Many things that are U.S. taxable are not (or may not be, at a particular moment in time) subject to data sharing.

....OK, the basic principle is that unless the U.S.-France tax treaty says otherwise, any/all accounts in France are treated exactly the same as any other foreign accounts from the point of view of U.S. personal income tax. There are a number of potential complications with foreign accounts depending on what you invest in, so you ought to tread carefully. There are what are known as PFIC complications, for example.

I recall Bev mentioning that the IRS office in Paris has published helpful information that specifically addresses typical U.S. tax filer scenarios in France, so I would seek out that information.

Don't forget that the U.S. also offers tax-advantaged retirement savings accounts, notably the Roth IRA. If any of those accounts are treaty-protected in France, or at least if you plan to return from France in the future, the U.S. accounts should probably be your first choice. You can also contribute to a Roth IRA on behalf of a non-working spouse if you wish. In order to contribute to an IRA you must have earned income that is outside the Foreign Earned Income Exclusion and Foreign Housing Exclusion. That is, you either must have significant earnings (above the FEIE/FHE), or you must not take the FEIE/FHE and instead take the Foreign Tax Credit (FTC). You've mentioned that your effective tax rate in France is higher than your effective U.S. tax rate. If that is actually correct, then it seems you're better off taking the Foreign Tax Credit anyway and then, as it happens, you would qualify for making U.S. IRA contributions.

You have quite a while to decide whether U.S. IRA contributions are right for you (and your spouse, if applicable) since the deadline for 2014 IRA contributions is April 15, 2015. I wouldn't wait until the last minute, but you've got some time as I write this.

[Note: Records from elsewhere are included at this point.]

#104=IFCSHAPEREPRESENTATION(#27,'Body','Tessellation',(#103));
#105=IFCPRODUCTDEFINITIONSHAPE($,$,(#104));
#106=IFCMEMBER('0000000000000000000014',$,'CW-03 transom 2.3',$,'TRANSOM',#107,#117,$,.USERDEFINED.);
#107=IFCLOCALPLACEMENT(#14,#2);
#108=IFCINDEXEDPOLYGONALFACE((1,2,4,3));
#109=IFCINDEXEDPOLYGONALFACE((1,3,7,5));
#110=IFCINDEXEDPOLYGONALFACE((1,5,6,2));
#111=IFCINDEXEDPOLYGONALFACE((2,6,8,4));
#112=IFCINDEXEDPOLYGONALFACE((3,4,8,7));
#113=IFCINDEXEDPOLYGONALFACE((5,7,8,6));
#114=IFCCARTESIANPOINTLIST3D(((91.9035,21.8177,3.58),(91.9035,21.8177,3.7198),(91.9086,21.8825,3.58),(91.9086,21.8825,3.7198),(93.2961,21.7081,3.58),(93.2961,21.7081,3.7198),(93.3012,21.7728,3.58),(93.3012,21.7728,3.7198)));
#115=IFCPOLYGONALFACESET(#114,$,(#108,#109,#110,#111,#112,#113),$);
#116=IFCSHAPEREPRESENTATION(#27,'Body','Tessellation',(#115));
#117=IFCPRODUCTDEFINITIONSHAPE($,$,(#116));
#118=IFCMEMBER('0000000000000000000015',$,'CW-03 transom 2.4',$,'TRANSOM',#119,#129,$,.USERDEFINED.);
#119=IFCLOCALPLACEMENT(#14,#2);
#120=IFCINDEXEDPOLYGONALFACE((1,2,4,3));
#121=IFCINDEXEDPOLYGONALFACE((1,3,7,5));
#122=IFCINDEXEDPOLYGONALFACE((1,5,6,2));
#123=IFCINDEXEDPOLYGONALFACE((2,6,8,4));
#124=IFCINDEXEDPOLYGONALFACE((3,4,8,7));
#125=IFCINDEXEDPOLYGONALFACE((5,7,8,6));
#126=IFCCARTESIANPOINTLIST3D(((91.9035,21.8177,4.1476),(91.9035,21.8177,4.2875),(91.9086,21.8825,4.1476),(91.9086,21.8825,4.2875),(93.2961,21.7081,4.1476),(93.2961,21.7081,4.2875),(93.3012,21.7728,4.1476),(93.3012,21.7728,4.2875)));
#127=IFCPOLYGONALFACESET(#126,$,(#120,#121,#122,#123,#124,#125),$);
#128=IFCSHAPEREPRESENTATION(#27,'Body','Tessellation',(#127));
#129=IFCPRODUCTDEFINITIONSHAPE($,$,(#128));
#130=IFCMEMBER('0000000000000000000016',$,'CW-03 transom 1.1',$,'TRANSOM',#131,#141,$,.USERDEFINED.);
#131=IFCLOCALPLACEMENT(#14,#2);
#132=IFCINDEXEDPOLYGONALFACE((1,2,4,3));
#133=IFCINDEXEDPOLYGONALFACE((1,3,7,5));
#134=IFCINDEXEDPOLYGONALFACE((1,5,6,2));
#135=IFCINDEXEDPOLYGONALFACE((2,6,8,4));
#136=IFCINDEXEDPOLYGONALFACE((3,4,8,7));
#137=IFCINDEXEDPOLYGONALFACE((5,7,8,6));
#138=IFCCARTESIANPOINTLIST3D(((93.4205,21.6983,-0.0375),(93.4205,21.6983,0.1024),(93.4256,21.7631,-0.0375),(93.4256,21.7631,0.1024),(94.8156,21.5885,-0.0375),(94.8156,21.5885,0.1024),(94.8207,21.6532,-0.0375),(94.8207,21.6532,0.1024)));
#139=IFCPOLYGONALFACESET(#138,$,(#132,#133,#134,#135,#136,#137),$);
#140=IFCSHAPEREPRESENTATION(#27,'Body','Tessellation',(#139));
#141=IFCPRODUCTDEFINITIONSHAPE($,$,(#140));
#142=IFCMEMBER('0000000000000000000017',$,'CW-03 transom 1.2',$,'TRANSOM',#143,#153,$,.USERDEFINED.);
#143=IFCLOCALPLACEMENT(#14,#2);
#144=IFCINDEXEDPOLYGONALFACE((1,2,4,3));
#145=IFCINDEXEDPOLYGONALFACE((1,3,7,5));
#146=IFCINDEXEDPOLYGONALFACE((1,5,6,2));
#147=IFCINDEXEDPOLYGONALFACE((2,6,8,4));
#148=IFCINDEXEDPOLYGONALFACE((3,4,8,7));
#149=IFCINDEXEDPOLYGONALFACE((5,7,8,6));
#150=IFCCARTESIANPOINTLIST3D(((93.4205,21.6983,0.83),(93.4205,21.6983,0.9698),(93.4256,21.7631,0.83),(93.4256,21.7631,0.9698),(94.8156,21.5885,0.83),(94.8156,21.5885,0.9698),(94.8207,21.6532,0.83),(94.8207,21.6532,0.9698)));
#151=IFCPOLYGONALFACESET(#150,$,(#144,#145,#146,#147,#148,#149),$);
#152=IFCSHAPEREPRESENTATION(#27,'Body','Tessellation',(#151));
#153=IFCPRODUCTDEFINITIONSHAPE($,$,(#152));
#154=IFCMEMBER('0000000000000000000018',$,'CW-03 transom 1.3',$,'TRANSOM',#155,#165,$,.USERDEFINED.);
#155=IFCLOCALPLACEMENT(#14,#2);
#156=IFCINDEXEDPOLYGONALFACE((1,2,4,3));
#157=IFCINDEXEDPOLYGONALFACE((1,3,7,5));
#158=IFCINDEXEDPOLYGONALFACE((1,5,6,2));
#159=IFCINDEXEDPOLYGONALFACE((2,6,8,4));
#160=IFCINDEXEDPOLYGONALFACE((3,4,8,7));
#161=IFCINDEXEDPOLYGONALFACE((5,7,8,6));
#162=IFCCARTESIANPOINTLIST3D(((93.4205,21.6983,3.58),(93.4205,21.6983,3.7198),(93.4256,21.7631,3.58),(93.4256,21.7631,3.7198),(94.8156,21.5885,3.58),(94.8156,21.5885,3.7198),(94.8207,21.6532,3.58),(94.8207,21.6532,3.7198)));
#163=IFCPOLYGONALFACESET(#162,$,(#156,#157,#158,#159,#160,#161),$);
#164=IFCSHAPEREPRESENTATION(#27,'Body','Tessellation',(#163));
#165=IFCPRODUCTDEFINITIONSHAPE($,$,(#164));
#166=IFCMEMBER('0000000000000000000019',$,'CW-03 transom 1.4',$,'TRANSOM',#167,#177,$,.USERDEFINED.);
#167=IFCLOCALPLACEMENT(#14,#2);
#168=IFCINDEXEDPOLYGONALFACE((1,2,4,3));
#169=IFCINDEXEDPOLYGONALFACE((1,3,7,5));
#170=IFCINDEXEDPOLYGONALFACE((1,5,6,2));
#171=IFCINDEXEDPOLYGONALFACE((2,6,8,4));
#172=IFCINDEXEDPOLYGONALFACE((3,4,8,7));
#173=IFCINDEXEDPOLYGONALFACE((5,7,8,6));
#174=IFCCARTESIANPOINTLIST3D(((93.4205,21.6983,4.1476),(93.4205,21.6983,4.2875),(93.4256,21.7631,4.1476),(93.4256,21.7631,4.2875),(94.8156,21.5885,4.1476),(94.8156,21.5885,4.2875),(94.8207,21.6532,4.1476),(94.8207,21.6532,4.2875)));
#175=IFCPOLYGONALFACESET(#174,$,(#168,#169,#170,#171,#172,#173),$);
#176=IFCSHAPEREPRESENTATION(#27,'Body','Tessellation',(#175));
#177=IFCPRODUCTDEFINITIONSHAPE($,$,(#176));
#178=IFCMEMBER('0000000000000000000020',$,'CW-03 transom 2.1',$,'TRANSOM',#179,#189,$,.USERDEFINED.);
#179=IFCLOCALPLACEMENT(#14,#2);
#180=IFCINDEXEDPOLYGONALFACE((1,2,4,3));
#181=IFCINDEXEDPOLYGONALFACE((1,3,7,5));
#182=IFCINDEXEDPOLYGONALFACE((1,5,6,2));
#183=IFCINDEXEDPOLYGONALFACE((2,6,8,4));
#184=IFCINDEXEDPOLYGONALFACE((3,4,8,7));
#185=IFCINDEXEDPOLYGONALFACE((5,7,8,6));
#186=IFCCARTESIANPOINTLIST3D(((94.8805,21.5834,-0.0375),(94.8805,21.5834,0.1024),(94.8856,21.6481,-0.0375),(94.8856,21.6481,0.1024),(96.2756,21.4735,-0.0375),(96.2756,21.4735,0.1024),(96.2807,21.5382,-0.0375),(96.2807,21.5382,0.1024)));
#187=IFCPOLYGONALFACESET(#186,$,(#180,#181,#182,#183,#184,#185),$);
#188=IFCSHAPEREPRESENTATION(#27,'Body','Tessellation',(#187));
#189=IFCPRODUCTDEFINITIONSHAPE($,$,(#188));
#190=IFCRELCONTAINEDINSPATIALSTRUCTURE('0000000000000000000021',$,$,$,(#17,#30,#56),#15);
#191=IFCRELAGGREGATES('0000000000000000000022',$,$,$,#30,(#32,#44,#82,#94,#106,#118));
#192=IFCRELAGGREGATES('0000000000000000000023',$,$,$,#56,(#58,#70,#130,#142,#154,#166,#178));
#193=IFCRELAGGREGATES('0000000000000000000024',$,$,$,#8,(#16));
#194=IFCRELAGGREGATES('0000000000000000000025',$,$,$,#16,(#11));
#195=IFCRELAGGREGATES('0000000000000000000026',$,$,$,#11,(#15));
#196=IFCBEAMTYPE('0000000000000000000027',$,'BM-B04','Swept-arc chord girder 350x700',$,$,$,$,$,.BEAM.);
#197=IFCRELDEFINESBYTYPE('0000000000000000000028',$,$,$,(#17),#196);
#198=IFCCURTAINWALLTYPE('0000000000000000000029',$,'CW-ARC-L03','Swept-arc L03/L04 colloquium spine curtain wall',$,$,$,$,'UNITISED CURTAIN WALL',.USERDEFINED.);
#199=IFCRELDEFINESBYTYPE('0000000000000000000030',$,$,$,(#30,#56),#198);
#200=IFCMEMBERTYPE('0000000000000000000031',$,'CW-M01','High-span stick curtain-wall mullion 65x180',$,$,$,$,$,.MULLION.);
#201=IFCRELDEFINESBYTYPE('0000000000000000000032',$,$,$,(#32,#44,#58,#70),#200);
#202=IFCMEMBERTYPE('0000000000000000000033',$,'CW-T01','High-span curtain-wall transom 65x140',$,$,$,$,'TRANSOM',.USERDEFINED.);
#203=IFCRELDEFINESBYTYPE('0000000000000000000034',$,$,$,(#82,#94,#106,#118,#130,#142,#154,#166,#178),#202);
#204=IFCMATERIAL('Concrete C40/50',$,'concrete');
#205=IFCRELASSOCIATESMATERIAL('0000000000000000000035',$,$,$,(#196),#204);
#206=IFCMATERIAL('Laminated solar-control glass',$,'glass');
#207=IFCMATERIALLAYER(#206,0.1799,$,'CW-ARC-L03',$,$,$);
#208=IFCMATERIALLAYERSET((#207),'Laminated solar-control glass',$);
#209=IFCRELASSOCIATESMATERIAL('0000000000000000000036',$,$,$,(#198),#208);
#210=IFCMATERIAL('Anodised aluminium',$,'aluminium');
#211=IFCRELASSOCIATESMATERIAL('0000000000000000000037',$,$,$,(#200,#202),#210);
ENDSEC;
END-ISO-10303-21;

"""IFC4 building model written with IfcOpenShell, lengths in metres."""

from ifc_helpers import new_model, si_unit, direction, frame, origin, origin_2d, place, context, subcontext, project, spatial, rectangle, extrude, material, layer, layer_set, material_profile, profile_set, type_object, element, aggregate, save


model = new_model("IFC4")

In the event you decide French accounts are not for you, and in the event you want to save more than the IRA limits, then I would investigate U.S. financial institutions that have outposts in France and that let you invest in U.S. financial markets. Here in Singapore we have at least two such U.S. firms: E*Trade and Charles Schwab (OptionsXpress). Your mileage will vary, I'm sure.

Please note also that U.S. investments, notably U.S. municipal bonds, might be attractive from a U.S. tax point of view but not necessarily from a French point of view. Consider both in your planning. Also, if your employer (or somebody else) is offering some type of matching funds, it's probably a very smart idea to accept as much free money as you can even if you have to pay some tax on it. Taxes certainly aren't the only consideration.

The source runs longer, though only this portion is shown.